Let $G$ be a simple graph G such that every vertex has degree at least $k\geq 3$ and every cycle of $G$ has length at least $5$. Show that $G$ contains a cycle of length at least $3k$.
Let $P$ be a path of maximum length. By contradiction, assume that the longest cycle has length at most $3k − 1$. I want to show that $G$ has a cycle of length $4$. I tried to mimic the method in Diestel Proposition 1.3.1 to get the proof, but it didn't work.
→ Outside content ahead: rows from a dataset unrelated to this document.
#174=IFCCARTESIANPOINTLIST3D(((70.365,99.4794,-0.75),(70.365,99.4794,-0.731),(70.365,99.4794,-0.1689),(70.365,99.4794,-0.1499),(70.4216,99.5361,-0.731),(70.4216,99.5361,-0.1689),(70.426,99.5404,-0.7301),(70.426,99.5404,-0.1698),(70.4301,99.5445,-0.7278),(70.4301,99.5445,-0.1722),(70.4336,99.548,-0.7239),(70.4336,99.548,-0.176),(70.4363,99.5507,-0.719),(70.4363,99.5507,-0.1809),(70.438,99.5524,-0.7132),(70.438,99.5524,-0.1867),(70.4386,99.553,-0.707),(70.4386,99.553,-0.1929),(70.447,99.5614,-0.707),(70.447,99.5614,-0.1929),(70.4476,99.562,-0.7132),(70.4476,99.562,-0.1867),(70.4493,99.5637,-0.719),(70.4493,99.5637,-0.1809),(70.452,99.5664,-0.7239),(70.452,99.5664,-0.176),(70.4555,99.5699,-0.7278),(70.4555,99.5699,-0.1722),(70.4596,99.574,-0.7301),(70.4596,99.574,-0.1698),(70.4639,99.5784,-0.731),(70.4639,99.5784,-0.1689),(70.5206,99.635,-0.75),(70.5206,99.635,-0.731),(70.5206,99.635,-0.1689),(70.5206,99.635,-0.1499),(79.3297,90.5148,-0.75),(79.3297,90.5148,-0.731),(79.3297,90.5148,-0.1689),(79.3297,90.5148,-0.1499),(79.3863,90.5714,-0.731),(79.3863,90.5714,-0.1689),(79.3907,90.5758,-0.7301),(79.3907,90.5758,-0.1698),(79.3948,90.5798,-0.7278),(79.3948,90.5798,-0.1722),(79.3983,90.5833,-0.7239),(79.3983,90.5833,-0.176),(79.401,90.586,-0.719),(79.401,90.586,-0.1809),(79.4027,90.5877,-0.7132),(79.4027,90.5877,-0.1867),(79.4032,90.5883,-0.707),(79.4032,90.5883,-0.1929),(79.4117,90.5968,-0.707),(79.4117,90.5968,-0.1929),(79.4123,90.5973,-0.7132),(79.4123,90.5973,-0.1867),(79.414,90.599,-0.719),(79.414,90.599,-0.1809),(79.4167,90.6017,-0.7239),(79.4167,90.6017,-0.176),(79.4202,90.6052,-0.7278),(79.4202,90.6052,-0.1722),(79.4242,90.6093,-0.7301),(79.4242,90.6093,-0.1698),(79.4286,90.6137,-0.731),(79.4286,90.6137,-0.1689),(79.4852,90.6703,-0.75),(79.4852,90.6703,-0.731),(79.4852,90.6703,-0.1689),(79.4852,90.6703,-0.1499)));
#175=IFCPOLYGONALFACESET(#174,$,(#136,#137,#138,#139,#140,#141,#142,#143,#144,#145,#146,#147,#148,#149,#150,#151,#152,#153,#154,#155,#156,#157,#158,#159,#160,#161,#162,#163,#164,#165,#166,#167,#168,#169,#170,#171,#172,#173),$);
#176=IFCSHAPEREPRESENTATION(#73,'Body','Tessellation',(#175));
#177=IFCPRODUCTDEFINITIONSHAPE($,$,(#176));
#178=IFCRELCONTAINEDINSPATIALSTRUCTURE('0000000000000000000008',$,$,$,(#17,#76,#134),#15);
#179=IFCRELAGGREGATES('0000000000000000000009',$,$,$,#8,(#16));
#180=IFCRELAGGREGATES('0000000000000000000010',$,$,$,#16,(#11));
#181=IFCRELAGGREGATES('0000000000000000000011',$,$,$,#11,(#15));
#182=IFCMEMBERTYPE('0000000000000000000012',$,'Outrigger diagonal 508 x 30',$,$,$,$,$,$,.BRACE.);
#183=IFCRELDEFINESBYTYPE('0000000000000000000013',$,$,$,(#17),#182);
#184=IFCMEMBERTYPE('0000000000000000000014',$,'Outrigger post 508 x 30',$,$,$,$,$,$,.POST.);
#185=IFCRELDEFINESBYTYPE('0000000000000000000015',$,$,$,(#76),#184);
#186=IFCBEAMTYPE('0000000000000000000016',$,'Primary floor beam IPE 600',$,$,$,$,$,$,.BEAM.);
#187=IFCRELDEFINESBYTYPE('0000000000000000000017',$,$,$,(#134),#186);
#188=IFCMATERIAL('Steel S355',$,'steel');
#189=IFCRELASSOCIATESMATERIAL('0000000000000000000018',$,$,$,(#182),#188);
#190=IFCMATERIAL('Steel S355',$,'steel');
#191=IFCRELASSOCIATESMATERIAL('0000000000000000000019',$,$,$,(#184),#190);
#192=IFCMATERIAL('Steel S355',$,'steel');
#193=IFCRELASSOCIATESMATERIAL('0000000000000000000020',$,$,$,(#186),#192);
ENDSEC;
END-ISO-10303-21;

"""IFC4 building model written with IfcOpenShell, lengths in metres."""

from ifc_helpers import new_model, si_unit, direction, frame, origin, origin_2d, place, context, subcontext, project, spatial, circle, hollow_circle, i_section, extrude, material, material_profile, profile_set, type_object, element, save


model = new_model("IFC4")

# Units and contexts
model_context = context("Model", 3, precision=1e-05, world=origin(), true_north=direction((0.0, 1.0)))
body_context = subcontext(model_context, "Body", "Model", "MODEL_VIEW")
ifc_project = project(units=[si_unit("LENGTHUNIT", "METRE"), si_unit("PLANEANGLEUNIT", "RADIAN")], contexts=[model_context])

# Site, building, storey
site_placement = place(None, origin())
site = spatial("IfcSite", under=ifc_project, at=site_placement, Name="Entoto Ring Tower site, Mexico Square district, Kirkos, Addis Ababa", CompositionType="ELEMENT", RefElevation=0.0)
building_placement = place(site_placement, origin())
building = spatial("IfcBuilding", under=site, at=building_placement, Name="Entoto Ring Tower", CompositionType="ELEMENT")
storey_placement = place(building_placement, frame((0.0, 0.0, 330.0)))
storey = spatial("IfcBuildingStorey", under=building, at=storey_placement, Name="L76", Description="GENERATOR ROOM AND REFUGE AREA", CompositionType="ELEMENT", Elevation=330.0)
Any hint would be highly appreciated.
Best Answer
As saulspatz commented, you can use Diestel $1.3.1$ and immediately obtain a cycle of length $3k-1$. But here's how to get $3k$. I talked this out with someone, and we may have arrived at a proof.
Let $P$ be a maximum path in $G$, let $v$ be an endpoint of $P$, and let $u$ be the vertex adjacent to $v$ previously on the path. Since $\deg(v) \ge 3$, $v$ has at least $2$ additional vertices on the path. Since a cycle in $G$ has length at least $5$, the first neighbor of $v$ must be at least $4$ edges away from $v$ on $P$, and every subsequent neighbor must be at least $3$ edges apart from the other neighbors (Otherwise we'd get a cycle of length $4$ or $3$.) So let's pick our neighbors in a minimum fashion, that is, in a way that we are not guaranteed a cycle of length $3k$ immediately.
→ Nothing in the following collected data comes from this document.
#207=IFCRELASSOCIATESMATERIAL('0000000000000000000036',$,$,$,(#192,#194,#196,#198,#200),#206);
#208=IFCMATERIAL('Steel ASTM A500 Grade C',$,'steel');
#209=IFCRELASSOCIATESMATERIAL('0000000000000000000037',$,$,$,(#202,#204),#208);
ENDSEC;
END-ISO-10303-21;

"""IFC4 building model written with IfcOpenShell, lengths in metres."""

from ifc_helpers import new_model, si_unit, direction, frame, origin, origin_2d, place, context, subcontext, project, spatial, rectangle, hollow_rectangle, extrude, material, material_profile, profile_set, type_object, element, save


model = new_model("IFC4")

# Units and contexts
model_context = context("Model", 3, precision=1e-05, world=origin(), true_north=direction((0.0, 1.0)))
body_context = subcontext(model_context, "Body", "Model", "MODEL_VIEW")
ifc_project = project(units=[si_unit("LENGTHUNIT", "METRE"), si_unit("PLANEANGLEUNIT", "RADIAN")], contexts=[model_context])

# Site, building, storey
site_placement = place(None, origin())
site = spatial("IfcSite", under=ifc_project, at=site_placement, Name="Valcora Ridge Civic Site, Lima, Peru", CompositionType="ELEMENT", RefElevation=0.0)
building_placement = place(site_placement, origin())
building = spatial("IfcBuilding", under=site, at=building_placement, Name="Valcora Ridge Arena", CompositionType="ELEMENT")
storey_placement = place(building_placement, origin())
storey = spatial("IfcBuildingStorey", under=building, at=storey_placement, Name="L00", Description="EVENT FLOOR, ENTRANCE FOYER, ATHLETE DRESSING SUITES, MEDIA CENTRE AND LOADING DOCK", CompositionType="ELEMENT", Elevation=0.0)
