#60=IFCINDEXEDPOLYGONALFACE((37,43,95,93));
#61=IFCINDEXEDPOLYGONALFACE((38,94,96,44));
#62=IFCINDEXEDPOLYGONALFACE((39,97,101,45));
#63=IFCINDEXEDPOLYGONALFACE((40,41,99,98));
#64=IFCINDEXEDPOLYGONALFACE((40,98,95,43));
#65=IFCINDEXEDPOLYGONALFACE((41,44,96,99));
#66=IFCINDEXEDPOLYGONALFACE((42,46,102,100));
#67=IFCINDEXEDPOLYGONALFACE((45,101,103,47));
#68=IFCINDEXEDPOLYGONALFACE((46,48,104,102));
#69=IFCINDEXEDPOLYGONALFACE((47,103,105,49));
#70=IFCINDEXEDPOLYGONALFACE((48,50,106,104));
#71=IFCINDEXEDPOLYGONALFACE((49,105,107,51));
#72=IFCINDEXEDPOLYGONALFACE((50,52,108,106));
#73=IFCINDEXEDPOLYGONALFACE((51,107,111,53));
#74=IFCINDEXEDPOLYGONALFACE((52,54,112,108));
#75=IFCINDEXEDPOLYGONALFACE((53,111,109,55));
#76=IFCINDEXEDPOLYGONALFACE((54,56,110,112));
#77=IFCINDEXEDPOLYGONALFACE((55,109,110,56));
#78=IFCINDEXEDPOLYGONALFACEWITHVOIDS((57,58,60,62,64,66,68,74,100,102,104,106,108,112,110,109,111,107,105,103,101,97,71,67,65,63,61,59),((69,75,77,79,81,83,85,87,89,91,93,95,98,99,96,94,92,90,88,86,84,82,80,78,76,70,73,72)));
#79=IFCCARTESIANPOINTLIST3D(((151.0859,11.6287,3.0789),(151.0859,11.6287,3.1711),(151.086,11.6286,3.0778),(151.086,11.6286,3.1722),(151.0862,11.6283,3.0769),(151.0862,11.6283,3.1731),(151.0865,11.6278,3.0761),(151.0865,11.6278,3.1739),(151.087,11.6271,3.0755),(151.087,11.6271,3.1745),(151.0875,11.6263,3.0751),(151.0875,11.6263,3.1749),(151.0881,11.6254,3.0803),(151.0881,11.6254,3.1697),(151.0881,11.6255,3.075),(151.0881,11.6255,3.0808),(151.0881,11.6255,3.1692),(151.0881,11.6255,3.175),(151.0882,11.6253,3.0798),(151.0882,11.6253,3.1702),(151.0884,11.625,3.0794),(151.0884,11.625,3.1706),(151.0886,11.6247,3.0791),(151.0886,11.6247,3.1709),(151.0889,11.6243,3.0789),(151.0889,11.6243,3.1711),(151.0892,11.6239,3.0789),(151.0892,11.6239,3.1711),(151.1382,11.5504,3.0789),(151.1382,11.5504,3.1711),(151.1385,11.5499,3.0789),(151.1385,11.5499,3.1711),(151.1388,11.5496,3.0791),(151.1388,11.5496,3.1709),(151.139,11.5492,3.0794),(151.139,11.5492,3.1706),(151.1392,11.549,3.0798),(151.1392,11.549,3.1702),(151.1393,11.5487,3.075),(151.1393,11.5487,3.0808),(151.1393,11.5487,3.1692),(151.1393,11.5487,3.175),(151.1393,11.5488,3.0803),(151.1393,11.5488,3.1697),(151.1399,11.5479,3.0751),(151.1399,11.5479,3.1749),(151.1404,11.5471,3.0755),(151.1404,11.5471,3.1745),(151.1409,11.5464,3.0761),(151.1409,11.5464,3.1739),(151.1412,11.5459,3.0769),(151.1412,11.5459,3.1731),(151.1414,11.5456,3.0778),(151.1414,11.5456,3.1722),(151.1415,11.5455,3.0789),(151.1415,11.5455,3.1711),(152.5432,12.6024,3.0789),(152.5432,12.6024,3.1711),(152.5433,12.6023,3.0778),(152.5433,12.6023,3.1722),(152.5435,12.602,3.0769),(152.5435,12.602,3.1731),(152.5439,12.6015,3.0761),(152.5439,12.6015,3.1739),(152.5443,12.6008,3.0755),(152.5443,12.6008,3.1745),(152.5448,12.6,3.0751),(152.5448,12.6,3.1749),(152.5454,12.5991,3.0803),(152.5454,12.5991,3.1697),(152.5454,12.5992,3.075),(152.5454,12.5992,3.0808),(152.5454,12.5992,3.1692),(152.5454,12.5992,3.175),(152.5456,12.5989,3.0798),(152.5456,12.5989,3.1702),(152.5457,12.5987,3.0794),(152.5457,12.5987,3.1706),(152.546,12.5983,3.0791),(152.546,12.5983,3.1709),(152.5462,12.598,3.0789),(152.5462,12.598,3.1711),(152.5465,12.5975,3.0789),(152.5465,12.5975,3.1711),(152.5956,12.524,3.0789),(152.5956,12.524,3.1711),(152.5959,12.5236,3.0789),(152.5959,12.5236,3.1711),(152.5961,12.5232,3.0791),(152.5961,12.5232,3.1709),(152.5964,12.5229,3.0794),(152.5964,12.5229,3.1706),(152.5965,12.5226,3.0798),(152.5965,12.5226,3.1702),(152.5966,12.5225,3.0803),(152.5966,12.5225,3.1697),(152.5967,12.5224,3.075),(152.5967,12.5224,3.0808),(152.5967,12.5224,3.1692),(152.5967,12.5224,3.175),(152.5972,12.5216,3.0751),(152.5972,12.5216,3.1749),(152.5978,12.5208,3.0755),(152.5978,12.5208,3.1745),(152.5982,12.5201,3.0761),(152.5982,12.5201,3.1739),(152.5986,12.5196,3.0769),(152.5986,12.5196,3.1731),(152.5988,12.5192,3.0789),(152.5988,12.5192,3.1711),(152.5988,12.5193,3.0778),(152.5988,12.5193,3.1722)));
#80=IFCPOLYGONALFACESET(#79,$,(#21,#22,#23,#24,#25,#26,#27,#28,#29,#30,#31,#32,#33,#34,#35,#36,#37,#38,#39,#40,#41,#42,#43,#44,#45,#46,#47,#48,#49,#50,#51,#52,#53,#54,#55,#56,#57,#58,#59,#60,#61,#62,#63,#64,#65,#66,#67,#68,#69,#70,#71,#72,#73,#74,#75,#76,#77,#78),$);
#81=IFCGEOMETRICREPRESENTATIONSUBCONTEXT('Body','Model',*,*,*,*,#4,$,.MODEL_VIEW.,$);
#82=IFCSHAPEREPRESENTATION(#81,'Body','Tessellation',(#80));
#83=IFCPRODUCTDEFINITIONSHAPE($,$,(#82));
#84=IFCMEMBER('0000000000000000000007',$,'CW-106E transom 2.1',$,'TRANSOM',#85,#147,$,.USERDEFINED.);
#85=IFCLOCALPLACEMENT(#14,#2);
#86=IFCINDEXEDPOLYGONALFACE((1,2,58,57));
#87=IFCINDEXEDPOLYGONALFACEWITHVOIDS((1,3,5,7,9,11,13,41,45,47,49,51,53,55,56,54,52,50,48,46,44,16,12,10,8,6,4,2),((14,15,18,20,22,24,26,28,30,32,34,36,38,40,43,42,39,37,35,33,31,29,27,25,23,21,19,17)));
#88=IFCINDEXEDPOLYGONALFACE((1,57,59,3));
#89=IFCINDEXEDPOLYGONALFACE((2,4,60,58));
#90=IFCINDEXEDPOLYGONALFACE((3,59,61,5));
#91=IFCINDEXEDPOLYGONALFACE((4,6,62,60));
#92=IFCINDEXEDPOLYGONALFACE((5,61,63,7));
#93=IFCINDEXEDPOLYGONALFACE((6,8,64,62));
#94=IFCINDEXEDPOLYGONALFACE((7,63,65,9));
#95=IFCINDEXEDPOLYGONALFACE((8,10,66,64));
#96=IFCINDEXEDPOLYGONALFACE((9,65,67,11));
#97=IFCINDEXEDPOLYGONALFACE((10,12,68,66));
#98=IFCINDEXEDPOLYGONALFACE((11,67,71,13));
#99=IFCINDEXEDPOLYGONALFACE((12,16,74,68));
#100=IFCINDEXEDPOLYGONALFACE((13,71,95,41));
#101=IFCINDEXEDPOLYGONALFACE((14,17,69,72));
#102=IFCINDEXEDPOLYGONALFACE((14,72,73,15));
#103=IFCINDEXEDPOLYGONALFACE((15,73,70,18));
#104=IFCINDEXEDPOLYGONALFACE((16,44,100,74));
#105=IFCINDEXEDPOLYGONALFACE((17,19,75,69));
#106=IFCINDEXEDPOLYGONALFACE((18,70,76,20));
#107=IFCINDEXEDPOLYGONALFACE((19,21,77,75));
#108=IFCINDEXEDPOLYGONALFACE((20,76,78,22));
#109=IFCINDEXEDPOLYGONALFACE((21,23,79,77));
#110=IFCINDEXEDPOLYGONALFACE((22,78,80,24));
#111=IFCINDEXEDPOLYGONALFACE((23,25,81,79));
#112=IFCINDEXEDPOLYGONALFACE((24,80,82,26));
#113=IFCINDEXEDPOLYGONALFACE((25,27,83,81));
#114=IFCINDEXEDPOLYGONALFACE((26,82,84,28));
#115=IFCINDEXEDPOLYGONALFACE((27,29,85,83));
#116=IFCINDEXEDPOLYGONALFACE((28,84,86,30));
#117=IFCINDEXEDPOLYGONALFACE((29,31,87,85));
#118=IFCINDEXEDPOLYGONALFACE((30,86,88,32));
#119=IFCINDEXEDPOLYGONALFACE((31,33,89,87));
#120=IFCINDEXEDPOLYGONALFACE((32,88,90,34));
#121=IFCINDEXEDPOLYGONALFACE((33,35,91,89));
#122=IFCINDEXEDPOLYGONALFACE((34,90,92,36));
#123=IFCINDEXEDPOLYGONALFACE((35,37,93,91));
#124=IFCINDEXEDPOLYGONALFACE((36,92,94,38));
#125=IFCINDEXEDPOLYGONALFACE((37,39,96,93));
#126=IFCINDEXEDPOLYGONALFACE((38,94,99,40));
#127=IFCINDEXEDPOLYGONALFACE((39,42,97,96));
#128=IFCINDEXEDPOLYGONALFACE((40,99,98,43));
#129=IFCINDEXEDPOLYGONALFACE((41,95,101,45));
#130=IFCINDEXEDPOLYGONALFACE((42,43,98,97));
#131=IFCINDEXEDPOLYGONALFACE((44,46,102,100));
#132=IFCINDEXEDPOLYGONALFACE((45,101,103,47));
So far we've got the existence of a cycle of length $3k-1$, but maybe we can increase the length of this cycle. Let's consider $2$ cases in the following way.
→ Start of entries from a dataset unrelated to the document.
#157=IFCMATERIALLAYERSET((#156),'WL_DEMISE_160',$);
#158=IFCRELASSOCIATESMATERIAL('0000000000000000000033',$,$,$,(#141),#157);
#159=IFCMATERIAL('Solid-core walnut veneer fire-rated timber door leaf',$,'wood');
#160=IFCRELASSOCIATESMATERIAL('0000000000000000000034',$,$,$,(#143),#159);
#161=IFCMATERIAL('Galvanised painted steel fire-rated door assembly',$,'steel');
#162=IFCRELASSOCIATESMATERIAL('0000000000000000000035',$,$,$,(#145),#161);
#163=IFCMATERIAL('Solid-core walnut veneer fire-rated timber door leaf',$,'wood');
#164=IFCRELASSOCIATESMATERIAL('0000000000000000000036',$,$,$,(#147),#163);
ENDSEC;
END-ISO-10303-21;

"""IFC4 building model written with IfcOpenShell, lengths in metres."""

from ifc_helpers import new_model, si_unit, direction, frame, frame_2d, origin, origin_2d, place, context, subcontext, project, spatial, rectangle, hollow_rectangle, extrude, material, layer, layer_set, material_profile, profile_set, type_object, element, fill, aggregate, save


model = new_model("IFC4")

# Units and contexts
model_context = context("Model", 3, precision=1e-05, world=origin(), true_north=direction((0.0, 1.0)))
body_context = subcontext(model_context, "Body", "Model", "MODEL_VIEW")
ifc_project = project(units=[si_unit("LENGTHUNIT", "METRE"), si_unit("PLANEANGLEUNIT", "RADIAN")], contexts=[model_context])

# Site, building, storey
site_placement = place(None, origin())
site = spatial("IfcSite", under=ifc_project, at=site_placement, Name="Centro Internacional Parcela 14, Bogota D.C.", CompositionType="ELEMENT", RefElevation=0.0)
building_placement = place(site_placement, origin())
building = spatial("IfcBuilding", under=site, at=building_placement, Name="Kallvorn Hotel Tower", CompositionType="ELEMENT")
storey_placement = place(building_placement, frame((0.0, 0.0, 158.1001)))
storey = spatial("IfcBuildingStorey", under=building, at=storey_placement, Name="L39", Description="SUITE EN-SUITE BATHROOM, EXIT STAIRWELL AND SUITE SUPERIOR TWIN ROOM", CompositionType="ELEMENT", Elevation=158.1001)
Since $\delta(G) \ge 3$, $u$ has at least $1$ more neighbor, $u'$.
Case $1$: $u'$ is not on $P$.
We can think of $u'$ as the endpoint of $P$, and $u'$ must have a neighbor further down the path than all the neighbors of $v$ (otherwise we obtain a cycle of length less than $5$), extending our cycle of length $3k-1$ to $3k$. (This uses the fact that $\deg(u')\ge 3$ and the neighbors of $u'$ lie on $P$).
Case $2$: All of the neighbors of $u$ are on $P$.
Notice $u$ cannot have any neighbors that are adjacent to a neighbor of $v$, otherwise we get a cycle of length less than $5$. So $u$ has a neighbor $u'$ farther on $P$ than the farthest neighbor $v'$ of $v$, and so our cycle is $u \to u' \to v' \to v \to u$, which has length greater than $3k-1$.